Causal inference on time series data is a challenging problem, especially in the presence of unobserved confounders. This work focuses on estimating the causal effect between two time series that are confounded by a third, unobserved time series. Assuming spectral sparsity of the confounder, we show how in the frequency domain this problem can be framed as an adversarial outlier problem. We introduce Deconfounding by Robust regression (DecoR), a novel approach that estimates the causal effect using robust linear regression in the frequency domain. Considering two different robust regression techniques, we first improve existing bounds on the estimation error for such techniques. Crucially, our results do not require distributional assumptions on the covariates. We can therefore use them in time series settings. Applying these results to DecoR, we prove, under suitable assumptions, upper bounds for the estimation error of DecoR that imply consistency. We demonstrate DecoR's effectiveness through experiments on both synthetic and real-world data from Earth system science. The simulation experiments furthermore suggest that DecoR is robust with respect to model misspecification.

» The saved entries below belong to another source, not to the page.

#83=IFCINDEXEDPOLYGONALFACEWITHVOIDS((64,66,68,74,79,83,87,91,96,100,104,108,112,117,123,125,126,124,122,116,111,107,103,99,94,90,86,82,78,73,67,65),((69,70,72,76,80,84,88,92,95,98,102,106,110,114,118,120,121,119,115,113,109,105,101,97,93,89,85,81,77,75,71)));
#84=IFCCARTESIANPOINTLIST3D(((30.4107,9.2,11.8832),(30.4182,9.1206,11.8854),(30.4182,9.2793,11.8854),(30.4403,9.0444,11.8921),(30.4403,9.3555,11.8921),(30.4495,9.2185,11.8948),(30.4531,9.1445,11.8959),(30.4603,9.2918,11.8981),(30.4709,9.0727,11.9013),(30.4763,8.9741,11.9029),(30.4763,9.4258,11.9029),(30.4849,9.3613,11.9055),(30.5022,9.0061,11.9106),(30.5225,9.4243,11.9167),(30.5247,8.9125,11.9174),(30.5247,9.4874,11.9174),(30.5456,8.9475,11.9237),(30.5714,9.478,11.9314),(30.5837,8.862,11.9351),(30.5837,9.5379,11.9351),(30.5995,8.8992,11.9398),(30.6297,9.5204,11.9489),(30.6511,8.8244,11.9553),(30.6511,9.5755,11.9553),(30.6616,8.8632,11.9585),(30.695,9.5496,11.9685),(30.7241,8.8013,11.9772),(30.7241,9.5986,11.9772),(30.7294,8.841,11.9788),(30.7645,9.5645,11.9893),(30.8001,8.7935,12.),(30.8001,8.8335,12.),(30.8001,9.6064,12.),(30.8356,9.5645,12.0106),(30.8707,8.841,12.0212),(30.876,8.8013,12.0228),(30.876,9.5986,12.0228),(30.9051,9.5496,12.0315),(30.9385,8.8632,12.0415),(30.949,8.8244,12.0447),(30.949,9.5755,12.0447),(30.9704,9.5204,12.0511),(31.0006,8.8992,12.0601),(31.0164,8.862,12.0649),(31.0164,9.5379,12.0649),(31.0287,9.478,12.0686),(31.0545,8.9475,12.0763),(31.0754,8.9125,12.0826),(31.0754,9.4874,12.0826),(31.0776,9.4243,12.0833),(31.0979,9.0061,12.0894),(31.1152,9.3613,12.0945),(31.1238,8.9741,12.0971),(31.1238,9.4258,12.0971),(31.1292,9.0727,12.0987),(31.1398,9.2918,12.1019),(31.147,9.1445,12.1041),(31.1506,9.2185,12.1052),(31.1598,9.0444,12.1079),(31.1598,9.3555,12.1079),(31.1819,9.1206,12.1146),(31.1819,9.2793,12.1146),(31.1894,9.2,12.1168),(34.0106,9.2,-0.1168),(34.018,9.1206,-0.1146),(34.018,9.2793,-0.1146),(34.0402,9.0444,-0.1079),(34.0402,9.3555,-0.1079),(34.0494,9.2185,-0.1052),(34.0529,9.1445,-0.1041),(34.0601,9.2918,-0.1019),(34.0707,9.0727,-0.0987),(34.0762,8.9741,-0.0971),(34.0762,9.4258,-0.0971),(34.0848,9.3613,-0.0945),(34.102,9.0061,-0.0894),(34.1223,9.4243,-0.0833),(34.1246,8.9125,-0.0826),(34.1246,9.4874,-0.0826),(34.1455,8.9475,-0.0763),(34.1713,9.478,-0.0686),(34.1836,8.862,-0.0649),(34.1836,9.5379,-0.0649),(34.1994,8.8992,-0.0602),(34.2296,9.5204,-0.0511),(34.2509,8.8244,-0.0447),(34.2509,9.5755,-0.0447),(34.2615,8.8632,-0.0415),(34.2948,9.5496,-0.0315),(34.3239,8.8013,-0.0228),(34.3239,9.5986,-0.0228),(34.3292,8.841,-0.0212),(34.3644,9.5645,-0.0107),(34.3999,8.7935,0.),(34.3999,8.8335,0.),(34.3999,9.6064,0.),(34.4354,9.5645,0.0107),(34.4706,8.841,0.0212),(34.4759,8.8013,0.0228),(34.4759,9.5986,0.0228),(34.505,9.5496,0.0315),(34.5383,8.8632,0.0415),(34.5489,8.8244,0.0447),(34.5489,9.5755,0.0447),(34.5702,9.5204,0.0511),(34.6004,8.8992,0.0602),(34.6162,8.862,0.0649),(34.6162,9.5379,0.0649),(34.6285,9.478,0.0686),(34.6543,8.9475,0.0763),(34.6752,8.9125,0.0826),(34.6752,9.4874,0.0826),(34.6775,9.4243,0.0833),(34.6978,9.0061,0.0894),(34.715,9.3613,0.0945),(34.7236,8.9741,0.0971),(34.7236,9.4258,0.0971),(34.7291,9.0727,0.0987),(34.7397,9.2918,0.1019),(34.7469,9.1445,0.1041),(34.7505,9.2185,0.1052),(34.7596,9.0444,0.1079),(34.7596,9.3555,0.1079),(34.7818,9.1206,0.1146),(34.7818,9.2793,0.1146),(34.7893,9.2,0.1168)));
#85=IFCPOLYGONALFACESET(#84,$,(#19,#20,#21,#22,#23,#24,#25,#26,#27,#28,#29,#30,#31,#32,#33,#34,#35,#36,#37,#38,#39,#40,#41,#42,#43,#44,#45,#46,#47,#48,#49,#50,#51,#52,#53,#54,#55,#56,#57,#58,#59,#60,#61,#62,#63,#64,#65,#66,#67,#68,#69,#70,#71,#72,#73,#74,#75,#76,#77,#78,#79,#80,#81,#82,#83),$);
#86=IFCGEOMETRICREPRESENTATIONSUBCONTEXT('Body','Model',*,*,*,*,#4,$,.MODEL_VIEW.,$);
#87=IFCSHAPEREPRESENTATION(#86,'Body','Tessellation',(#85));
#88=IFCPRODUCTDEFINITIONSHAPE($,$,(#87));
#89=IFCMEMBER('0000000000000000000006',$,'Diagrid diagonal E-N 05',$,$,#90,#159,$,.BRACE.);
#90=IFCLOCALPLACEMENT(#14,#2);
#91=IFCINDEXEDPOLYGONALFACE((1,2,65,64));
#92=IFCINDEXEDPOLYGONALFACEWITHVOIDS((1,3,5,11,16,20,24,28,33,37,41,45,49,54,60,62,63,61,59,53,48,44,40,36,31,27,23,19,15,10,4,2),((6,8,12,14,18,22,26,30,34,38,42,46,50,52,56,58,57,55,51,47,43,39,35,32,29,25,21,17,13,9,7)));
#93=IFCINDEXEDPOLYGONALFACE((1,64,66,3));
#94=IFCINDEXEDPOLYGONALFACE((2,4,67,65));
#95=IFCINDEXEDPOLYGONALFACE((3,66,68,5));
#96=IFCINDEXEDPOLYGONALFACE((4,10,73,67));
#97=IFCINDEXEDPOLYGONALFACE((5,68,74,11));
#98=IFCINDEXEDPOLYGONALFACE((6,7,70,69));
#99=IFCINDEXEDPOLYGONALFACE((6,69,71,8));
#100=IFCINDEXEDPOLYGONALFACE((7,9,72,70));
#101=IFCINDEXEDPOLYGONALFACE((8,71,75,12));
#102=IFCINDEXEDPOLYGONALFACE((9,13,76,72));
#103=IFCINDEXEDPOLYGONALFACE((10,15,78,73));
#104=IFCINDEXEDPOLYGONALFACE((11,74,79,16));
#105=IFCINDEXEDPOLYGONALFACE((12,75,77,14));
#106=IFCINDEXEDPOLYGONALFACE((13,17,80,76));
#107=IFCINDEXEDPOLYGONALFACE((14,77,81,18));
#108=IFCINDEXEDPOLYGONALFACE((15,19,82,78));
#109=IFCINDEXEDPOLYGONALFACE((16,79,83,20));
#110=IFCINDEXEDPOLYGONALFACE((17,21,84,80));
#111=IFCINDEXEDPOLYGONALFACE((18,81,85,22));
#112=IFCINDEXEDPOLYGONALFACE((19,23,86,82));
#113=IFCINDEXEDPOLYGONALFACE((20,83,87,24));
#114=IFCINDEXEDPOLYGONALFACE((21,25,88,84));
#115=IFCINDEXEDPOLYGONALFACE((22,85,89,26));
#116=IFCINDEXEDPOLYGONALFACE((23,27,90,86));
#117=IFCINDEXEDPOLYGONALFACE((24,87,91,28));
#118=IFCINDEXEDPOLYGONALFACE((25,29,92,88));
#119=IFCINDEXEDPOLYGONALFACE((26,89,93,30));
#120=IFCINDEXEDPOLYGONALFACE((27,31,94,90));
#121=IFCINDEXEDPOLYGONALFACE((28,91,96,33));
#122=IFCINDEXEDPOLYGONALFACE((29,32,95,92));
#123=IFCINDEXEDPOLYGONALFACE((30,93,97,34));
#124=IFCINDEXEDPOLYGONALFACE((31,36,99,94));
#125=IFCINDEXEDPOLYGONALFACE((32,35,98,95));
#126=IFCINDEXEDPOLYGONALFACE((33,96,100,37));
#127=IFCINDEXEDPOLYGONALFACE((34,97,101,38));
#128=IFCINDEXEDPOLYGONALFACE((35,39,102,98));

翻译：时间序列数据上的因果推断是一个具有挑战性的问题，尤其是在存在未观测混杂因子的情况下。本研究聚焦于估计两个时间序列之间的因果效应，这两个序列受到第三个未观测时间序列的混杂。假设混杂因子具有谱稀疏性，我们证明了在频域中该问题可被构建为一个对抗性离群值问题。我们提出了基于鲁棒回归的去混杂方法（DecoR），这是一种在频域中使用鲁棒线性回归估计因果效应的新方法。通过考虑两种不同的鲁棒回归技术，我们首先改进了此类技术估计误差的现有界。关键的是，我们的结果不需要对协变量进行分布假设，因此可将其应用于时间序列场景。将这些结果应用于DecoR，我们在适当假设下证明了DecoR估计误差的上界，该上界蕴含了一致性。我们通过地球系统科学的合成数据与真实数据实验验证了DecoR的有效性。仿真实验进一步表明DecoR对模型误设具有鲁棒性。